# ********=Torture



## poodlelover (Sep 3, 2009)

Does anyone else find ******** v depressing? Dunno why I go on it ~ just reminds me how "stuck" my life is when I see all those pg announcements, scan pics and photos of school friends chdn!!! 

Keep telling myself to keep off it but something possesses me!! Noseyness? sado masochism? 

PL x


----------



## PKM (Oct 24, 2009)

You're not the only one. I barely use it now. Have 5 friends who are all pregnant at the moment. Constant scan pictures and 'goo goo' talk..... (quite weird to observe how otherwise normal couples of reasonable intellect, in their late 30's/early 40's suddenly become infantile adolescents with each other.... "looky looky, here's a little currant bun that mummie and daddie made earlier, will it have pink sugar icing or blue sugar icing?" wtf??

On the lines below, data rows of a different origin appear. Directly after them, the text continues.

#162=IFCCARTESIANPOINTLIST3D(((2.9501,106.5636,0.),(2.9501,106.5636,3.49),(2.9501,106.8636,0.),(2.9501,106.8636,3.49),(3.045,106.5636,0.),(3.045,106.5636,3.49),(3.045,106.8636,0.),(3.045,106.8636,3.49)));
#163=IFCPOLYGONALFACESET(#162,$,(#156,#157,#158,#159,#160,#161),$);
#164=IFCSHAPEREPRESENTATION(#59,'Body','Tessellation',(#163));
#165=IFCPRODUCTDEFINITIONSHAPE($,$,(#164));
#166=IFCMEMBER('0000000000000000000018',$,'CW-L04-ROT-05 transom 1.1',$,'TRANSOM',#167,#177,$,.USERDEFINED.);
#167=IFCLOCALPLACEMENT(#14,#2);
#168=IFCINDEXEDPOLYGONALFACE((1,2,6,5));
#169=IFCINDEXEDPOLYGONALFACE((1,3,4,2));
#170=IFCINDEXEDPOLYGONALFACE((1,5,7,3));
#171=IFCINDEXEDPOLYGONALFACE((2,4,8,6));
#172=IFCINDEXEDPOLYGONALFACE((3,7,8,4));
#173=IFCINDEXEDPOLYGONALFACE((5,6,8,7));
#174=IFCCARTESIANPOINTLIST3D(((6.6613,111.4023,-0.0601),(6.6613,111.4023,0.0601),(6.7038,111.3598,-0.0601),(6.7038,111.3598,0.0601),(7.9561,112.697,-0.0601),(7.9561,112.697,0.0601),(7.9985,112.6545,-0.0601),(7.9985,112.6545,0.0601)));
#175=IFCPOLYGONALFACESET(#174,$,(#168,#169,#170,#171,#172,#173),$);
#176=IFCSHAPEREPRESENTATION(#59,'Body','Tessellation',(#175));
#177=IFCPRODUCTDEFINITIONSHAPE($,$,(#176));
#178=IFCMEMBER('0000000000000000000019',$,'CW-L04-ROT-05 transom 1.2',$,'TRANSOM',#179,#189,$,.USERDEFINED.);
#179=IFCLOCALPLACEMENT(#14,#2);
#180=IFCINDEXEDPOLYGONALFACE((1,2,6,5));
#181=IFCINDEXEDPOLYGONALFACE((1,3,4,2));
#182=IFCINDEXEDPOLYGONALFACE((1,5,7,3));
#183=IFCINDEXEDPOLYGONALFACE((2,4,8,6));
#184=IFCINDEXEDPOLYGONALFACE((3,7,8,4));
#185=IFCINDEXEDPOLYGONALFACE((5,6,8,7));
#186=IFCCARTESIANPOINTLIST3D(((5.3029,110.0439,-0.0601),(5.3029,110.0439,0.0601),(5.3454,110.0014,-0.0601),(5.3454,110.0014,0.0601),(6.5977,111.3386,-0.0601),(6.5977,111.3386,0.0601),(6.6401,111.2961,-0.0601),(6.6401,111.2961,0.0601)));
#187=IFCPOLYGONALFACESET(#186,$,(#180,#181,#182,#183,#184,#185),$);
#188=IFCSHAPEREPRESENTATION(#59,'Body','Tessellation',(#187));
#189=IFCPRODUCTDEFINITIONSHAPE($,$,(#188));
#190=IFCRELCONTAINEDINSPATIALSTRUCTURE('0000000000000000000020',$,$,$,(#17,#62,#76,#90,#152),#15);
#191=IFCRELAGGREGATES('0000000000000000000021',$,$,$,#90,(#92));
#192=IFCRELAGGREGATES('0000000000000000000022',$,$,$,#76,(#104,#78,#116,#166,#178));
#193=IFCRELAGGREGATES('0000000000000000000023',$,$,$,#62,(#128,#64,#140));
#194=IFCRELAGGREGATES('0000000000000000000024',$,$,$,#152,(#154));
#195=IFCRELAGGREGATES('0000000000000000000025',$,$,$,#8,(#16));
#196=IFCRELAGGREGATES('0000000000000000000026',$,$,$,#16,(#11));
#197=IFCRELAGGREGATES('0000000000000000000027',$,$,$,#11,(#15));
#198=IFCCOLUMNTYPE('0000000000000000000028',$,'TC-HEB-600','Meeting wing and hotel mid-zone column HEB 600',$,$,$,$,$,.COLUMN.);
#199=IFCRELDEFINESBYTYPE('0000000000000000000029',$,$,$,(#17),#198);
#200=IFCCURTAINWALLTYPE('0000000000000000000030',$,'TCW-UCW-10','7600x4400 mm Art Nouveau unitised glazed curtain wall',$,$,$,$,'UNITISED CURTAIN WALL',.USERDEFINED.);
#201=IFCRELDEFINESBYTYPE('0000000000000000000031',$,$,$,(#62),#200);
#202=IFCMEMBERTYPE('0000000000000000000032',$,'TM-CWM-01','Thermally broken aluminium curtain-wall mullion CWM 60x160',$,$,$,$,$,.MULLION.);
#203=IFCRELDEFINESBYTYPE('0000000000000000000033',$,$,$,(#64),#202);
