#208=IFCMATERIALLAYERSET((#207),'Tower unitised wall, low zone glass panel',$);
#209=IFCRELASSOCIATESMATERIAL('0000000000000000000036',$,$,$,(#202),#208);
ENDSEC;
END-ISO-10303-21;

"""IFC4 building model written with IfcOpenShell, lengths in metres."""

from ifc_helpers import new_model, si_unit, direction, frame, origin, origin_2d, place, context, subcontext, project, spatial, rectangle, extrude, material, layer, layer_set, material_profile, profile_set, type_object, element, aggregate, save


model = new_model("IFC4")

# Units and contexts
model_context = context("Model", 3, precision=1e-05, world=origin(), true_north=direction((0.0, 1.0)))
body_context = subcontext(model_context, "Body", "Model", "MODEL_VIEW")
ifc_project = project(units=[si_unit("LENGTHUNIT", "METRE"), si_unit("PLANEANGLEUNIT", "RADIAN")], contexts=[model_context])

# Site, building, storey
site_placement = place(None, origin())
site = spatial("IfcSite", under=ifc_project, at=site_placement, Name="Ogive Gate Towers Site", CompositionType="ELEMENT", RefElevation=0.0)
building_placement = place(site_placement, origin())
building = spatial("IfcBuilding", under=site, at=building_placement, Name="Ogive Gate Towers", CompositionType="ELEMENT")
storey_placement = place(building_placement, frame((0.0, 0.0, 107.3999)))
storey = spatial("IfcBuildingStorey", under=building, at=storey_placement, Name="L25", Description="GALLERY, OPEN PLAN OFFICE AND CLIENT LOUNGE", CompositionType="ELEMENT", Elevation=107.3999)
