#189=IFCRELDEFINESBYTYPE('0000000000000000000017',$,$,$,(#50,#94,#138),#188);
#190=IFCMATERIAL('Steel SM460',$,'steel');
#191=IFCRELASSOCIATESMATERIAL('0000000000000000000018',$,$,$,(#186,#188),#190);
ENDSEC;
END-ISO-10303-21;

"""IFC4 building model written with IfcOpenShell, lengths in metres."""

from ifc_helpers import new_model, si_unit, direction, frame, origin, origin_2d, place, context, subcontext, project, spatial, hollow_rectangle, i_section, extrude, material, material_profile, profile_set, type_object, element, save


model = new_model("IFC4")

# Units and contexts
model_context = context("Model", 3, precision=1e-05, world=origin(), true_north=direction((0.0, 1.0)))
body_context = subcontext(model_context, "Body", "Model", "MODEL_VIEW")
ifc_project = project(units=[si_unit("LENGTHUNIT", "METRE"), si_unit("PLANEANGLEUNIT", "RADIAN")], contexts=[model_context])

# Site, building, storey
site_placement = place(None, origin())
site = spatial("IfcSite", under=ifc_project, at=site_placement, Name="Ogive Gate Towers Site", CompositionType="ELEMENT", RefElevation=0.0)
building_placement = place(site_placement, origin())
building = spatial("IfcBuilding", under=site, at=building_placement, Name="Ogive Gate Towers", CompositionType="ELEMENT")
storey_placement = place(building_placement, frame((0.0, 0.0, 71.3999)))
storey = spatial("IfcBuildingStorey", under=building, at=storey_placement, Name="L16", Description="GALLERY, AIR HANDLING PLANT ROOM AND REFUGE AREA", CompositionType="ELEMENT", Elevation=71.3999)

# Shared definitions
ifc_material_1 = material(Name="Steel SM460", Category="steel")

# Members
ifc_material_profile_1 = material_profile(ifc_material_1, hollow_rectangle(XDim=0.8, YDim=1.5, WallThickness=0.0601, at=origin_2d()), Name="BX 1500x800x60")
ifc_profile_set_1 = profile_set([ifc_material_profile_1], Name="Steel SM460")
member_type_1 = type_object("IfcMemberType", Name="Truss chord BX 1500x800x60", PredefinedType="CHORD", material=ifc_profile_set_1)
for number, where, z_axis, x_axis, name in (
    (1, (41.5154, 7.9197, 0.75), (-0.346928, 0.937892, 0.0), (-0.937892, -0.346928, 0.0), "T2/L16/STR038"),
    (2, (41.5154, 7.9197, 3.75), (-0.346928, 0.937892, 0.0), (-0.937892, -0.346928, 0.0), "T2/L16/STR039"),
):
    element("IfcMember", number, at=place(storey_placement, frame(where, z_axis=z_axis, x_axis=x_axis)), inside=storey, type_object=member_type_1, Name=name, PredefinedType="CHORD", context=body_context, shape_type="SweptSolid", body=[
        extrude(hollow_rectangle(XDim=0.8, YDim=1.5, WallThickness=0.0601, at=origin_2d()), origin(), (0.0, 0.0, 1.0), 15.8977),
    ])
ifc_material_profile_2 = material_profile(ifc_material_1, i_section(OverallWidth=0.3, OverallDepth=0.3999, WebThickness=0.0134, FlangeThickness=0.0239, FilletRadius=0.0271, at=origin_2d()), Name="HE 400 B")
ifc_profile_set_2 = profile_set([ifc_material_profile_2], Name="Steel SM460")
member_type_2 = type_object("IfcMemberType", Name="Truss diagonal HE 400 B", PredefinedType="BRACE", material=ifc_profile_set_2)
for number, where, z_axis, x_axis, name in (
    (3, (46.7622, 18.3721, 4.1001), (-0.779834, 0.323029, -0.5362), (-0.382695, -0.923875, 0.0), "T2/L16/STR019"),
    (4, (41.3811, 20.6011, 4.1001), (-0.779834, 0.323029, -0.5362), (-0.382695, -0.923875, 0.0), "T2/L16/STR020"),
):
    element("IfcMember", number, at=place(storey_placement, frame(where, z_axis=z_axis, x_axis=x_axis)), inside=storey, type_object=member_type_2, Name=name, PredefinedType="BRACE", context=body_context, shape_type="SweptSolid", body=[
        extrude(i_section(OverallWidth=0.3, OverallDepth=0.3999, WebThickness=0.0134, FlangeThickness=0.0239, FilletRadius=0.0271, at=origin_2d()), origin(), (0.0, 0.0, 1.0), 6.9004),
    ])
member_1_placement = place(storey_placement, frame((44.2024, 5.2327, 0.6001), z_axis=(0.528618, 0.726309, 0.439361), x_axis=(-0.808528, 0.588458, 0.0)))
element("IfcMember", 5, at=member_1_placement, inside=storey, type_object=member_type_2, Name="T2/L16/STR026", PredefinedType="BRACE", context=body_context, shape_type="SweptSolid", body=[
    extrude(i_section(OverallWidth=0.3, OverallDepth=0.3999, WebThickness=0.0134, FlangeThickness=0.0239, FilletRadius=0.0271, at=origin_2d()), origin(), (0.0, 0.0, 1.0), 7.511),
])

I've just switched off news feeds from those people. Makes it a whole lot easier!


----------



## Caz (Jul 21, 2002)

...Or you have to read mummy friends whining about how hard it is to be a mummy and what a dredaful day they have had and how much they hate their kids... 
Funnily enough, I don't mind that at all from my mummy friends that I met through FF, because I know the pain they have been through to have their child and for every "bad day" comment they make you know there'll be a "grateful and proud" one to back it up and balance it out. Or maybe it's just that I do genuinely care about those mummies/children!  
It's the always the ones who fell pg oh so easily that only ever moan moan moan about their kids. 


You can hide certain friends updates (hover the mouse over their update and a little "hide" button will pop up on the top right). There's one friend I periodically hide when it gets too much but this week, I've hidden about three due to various and sundry pg announcements etc.  


Yeah, I'd love to say pg announcements etc. get easier after you've had your miracle child but, sadly not. 



C~x


----------